ENTRE REGRETS, HESITATIONS ET INSATISFACTIONS:

Une femme Septuagénaire est venue me voir  à mon cabinet de consultation l’autre jour. Elle cherchait à renouveler sa potion mensuelle d’anti-déprimants et d’anxiolytiques. Plutôt que de parler de l’efficacité  des médicaments ou de leurs effets  secondaires sur le traitement que nous suivons ensemble, elle semblait avoir du mal à se déplacer de mon carré, cherchant coute que coute à se décharger de je ne sais quoi. Je l’ai alors invitée à se rasseoir et à rester  un peu plus longtemps. Je me suis souvenu aussitôt que  d’habitude les patients viennent chercher bien plus qu’une ration mensuelle de médicaments mais que derrière l’intérêt principal se cachent souvent d’autres motifs inavoués qu’il revient à tout bon médecin de pouvoir déceler.

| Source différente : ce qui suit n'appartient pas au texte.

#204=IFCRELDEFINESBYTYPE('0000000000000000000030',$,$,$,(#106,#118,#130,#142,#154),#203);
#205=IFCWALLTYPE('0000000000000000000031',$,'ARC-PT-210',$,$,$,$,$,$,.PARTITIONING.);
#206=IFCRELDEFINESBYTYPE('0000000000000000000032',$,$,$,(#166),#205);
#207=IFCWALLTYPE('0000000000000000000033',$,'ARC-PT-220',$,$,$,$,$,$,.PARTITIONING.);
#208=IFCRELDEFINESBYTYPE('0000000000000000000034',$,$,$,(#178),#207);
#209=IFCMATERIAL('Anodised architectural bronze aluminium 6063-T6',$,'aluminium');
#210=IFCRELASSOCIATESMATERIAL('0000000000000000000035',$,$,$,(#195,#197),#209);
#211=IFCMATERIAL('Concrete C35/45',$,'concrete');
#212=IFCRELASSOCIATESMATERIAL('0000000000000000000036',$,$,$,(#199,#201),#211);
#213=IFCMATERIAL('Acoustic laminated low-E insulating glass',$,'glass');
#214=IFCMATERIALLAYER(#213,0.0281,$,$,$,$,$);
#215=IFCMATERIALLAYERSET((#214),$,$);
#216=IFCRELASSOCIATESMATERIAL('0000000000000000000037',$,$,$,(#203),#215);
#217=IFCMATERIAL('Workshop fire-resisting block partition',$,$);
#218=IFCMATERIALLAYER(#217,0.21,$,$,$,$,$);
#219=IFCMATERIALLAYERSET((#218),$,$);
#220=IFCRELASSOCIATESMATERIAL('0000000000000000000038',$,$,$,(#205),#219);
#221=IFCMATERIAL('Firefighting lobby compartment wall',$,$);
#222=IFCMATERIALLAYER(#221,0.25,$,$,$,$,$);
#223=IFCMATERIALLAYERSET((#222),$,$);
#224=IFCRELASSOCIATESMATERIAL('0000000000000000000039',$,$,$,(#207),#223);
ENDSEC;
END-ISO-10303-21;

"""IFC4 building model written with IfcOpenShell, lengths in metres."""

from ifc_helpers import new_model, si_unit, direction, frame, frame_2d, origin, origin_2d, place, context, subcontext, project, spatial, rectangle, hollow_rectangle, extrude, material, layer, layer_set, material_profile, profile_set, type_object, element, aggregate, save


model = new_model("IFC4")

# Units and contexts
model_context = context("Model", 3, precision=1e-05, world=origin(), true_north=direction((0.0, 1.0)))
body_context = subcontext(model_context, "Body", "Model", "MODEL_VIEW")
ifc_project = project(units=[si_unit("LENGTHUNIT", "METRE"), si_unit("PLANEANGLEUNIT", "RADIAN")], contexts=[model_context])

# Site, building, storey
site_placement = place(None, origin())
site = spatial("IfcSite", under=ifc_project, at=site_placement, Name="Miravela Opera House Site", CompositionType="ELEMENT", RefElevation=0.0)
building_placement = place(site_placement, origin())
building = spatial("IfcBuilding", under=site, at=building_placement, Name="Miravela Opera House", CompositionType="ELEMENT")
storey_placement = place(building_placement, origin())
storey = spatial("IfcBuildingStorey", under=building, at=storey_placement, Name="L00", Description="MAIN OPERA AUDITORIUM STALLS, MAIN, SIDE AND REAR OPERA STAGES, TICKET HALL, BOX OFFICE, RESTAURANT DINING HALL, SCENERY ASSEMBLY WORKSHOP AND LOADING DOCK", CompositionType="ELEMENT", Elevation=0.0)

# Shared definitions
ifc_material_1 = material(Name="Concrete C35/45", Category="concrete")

En général, les patients vont chez le médecin pour  être rassurés des maux qui les rongent tant sur le plan physique que sur le plan moral et au plan mental. La vieille dame  m’a dit qu’elle est très effrayée pour l’avenir de ses petites filles car elle ne voudrait pas qu’elles prennent la route qu’elle avait elle même choisie du temps de sa jeunesse.

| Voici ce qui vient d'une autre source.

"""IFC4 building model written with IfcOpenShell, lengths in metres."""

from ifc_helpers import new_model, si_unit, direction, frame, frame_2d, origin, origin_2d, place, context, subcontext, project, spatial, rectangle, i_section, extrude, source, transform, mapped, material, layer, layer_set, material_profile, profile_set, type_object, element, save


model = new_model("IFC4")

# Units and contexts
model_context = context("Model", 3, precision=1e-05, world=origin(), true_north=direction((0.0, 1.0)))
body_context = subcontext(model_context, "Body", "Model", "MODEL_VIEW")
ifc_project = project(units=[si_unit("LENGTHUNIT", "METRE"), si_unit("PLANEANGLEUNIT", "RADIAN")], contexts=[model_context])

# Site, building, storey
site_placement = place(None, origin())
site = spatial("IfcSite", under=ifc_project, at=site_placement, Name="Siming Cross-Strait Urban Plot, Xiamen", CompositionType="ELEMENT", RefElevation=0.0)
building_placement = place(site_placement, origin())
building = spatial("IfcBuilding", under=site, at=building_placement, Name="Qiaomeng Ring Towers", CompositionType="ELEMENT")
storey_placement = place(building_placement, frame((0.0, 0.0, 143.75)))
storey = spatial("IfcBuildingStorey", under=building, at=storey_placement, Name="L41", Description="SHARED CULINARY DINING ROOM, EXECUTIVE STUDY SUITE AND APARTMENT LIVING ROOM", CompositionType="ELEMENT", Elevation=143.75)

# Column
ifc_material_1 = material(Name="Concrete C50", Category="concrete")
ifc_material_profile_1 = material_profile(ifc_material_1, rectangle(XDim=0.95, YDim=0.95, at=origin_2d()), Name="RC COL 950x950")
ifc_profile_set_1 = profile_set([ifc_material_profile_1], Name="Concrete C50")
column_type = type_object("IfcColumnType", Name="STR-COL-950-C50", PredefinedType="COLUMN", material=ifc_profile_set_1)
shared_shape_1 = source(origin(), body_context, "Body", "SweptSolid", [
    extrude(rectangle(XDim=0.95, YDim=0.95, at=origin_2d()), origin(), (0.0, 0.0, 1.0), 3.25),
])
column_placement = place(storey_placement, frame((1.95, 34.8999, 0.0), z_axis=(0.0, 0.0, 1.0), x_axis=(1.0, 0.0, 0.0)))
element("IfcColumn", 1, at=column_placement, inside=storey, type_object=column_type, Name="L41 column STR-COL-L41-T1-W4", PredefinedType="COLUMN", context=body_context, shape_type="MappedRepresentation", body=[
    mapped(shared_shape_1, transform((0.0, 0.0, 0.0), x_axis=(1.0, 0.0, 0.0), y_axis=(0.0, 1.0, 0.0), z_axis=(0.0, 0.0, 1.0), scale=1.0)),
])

Elle m’apprit tout de go qu’elle a grandi dans les années soixante et avait mené une vie de libertinage presque sans pareille, qu’elle était une jeune rebelle qui n’hésitait a briser aucun tabou sociétal  mais que, plus tard dans la vie, elle avait fini par  trouver Dieu, par tout changer et par se faire une nouvelle vie. Malgré le nombre d’années qui se sont succédées depuis cette époque fébrile d’activités et de revendications de toutes sortes, et que les sociologues appellent de bon droit « the American dilemma ou le dilemme Américain », elle n’arrive pas a se défaire de son passe qu’elle voudrait éviter autant que possible. Elle n’oserait même pas dire à ses deux filles la vraie personne qu’elle était de peur d’être jugée par elles.

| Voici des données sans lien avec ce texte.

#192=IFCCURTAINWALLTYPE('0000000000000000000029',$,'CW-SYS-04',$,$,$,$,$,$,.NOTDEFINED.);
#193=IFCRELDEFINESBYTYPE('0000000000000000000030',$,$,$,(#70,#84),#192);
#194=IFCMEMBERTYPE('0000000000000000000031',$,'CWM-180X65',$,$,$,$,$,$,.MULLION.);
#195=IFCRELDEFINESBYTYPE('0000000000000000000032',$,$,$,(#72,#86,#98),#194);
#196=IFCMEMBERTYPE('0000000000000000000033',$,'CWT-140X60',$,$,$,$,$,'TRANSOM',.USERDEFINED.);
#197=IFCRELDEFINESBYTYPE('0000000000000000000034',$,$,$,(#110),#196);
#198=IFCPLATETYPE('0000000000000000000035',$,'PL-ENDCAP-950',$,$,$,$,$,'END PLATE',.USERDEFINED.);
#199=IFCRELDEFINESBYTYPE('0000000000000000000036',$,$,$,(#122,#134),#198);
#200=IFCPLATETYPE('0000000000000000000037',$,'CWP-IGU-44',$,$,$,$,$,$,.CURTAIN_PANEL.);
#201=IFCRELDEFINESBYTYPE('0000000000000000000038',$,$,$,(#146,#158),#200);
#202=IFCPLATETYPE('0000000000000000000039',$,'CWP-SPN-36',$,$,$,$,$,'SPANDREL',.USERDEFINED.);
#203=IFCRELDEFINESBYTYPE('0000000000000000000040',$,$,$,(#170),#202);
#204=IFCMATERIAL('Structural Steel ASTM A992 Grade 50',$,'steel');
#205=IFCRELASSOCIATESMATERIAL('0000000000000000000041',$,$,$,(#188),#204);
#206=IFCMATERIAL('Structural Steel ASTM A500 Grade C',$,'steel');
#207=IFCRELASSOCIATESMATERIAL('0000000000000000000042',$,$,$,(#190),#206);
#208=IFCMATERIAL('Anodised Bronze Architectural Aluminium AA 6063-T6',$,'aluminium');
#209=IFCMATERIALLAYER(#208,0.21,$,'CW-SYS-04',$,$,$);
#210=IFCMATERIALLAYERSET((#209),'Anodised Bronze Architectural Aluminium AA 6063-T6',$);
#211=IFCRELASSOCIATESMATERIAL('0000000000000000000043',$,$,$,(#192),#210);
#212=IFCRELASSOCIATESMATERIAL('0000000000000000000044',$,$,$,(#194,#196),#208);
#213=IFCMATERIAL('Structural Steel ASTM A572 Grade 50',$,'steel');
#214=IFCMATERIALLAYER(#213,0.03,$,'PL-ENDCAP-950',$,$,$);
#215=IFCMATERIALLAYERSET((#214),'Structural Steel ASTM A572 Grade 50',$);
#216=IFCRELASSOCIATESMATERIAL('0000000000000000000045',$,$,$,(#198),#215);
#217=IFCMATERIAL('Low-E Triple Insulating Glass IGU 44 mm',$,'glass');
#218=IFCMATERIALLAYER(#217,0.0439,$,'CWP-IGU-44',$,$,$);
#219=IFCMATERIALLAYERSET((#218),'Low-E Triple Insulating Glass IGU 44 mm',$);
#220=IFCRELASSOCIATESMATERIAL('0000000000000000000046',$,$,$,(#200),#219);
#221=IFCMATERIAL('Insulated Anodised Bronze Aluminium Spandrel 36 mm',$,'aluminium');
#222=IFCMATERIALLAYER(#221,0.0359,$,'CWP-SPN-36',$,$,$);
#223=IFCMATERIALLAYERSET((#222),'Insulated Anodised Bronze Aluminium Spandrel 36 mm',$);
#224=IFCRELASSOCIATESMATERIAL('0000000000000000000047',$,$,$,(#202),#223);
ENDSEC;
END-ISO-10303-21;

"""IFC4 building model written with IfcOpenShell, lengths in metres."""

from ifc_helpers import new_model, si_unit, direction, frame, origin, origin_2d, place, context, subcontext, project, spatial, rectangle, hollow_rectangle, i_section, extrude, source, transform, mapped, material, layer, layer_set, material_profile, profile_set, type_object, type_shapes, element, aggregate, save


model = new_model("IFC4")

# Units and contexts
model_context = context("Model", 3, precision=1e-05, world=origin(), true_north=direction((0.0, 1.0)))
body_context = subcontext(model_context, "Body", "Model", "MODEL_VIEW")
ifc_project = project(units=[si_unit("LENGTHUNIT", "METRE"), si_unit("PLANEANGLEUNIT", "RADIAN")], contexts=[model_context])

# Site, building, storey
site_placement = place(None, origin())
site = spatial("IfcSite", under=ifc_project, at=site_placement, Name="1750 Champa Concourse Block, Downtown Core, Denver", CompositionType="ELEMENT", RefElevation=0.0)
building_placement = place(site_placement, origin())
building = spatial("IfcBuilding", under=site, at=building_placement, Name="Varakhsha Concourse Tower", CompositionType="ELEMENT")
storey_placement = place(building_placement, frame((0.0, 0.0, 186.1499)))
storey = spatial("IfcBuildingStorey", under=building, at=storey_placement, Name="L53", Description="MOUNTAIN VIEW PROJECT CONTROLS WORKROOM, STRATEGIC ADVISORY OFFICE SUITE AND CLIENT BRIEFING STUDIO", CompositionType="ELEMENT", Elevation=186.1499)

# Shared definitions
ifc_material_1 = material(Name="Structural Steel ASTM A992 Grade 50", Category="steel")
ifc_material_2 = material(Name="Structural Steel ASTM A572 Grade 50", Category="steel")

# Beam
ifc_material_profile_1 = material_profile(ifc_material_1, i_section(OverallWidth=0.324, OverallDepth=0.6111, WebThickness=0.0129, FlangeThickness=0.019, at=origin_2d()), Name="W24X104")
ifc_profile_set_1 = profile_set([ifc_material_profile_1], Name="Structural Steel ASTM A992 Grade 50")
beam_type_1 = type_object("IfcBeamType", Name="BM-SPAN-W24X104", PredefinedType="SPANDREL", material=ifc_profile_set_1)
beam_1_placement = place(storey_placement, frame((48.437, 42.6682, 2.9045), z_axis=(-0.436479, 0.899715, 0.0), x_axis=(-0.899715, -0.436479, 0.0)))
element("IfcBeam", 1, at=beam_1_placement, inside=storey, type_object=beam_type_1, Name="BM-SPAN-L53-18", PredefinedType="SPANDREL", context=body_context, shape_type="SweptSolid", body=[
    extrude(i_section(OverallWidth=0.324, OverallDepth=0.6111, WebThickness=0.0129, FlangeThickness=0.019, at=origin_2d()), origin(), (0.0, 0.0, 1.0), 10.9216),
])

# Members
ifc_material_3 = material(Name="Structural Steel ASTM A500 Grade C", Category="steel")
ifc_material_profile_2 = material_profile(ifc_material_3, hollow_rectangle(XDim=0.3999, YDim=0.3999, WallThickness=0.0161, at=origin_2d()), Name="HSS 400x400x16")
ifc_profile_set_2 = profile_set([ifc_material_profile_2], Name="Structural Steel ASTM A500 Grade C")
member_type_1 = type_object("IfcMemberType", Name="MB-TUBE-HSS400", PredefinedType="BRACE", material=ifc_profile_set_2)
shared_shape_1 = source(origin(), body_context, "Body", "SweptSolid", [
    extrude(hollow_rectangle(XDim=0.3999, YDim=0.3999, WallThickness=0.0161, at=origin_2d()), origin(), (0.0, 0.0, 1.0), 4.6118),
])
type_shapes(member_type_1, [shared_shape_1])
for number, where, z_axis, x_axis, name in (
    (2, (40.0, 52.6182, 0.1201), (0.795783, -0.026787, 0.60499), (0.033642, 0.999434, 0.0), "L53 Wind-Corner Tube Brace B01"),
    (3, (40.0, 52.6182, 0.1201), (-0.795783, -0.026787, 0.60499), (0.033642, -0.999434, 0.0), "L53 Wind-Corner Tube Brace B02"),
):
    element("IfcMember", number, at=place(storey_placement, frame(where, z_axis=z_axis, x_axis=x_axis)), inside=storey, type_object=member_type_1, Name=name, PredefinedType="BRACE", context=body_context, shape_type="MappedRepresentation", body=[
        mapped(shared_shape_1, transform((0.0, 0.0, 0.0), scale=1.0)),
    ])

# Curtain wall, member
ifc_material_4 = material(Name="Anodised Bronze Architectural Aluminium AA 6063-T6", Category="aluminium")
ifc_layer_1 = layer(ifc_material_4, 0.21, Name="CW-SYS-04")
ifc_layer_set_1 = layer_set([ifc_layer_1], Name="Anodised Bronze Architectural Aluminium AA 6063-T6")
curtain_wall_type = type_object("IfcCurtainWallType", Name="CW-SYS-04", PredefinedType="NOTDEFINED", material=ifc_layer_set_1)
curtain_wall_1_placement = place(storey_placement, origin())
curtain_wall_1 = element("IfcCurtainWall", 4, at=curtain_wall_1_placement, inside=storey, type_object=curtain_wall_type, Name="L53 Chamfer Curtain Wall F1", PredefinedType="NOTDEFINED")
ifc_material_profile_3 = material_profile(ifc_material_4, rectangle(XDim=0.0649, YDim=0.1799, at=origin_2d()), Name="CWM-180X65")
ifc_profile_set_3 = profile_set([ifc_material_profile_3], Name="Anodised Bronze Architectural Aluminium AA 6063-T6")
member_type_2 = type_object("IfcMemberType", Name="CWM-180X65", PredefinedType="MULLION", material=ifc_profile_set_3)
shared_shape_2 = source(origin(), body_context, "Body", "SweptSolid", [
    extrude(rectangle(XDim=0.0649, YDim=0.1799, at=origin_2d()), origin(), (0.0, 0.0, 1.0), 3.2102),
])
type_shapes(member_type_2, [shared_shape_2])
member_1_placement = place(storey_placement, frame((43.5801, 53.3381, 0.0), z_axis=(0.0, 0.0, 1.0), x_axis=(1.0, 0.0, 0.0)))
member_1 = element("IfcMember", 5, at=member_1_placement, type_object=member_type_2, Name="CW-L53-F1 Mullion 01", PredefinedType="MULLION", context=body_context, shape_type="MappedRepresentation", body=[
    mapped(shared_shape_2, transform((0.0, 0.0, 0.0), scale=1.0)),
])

Je l’ai écoutée avec une grande affection car je savais bien qu’elle cherchait une chose introuvable. Chacun a quelque chose dans son passe qu’il aimerait corriger ou effacer. Notre vie oscille  souvent entre regrets, tergiversations et larmoiements. Nous nous jugeons souvent a posteriori ,oubliant qu’il n’y a pas de bon ou de mauvais choix dans la vie et que le seul vrai choix est celui qui mène a la réussite. Tel homme choisit  une voie et réussit admirablement; un autre en vient à faire les mêmes choix de voies et moyens  et échoue lamentablement. C’est comme être parent, on sait qu’on a fait un bon travail seulement si les enfants réussissent dans la vie. .En effet, lors même que l’on aurait toute la vie pour apprendre, on ne finirait jamais de maitriser un si grand Univers.. Nous sommes faits pour  commettre des erreurs et pour apprendre de nos erreurs. Quand elle m’apprit que ses deux filles ont une vie normale et un foyer stable, je lui répondis que cela aurait dû  être pour elle une vraie raison de fierté .J’ajoutais que chaque  génération  aura des problèmes à surmonter. Celle de ses  filles, comme la sienne d’ailleurs, ont bien fait la paix entre elles et avec elles-mêmes. Alors, celle de ses  petites filles, elle aussi, finira par trouver la voie appropriée. Il n’y aura pas une fin du monde. C’est notre monde  à chacun  de nous qui passera. Sur le Passé qui nous revient a chaque pas, tel une trainée de poudre emportée dans nos semelles, Il y a toujours de la place pour un regard rétrospectif ou souvent se mêlent un peu de tout : regrets, hésitations insatisfaction, joie, amour, paix etc..; Et ou parfois la mémoire du passé est si horrible qu’on voudrait la déchirer voire l’effacer. Comme quoi briser un thermomètre suffirait à faire baisser une poussée fébrile. Mais rien n’annihilera ce que nous sommes. Ce que nous sommes  c’est un être en devenir qui se refait a chaque instant, au gré du temps et des circonstances.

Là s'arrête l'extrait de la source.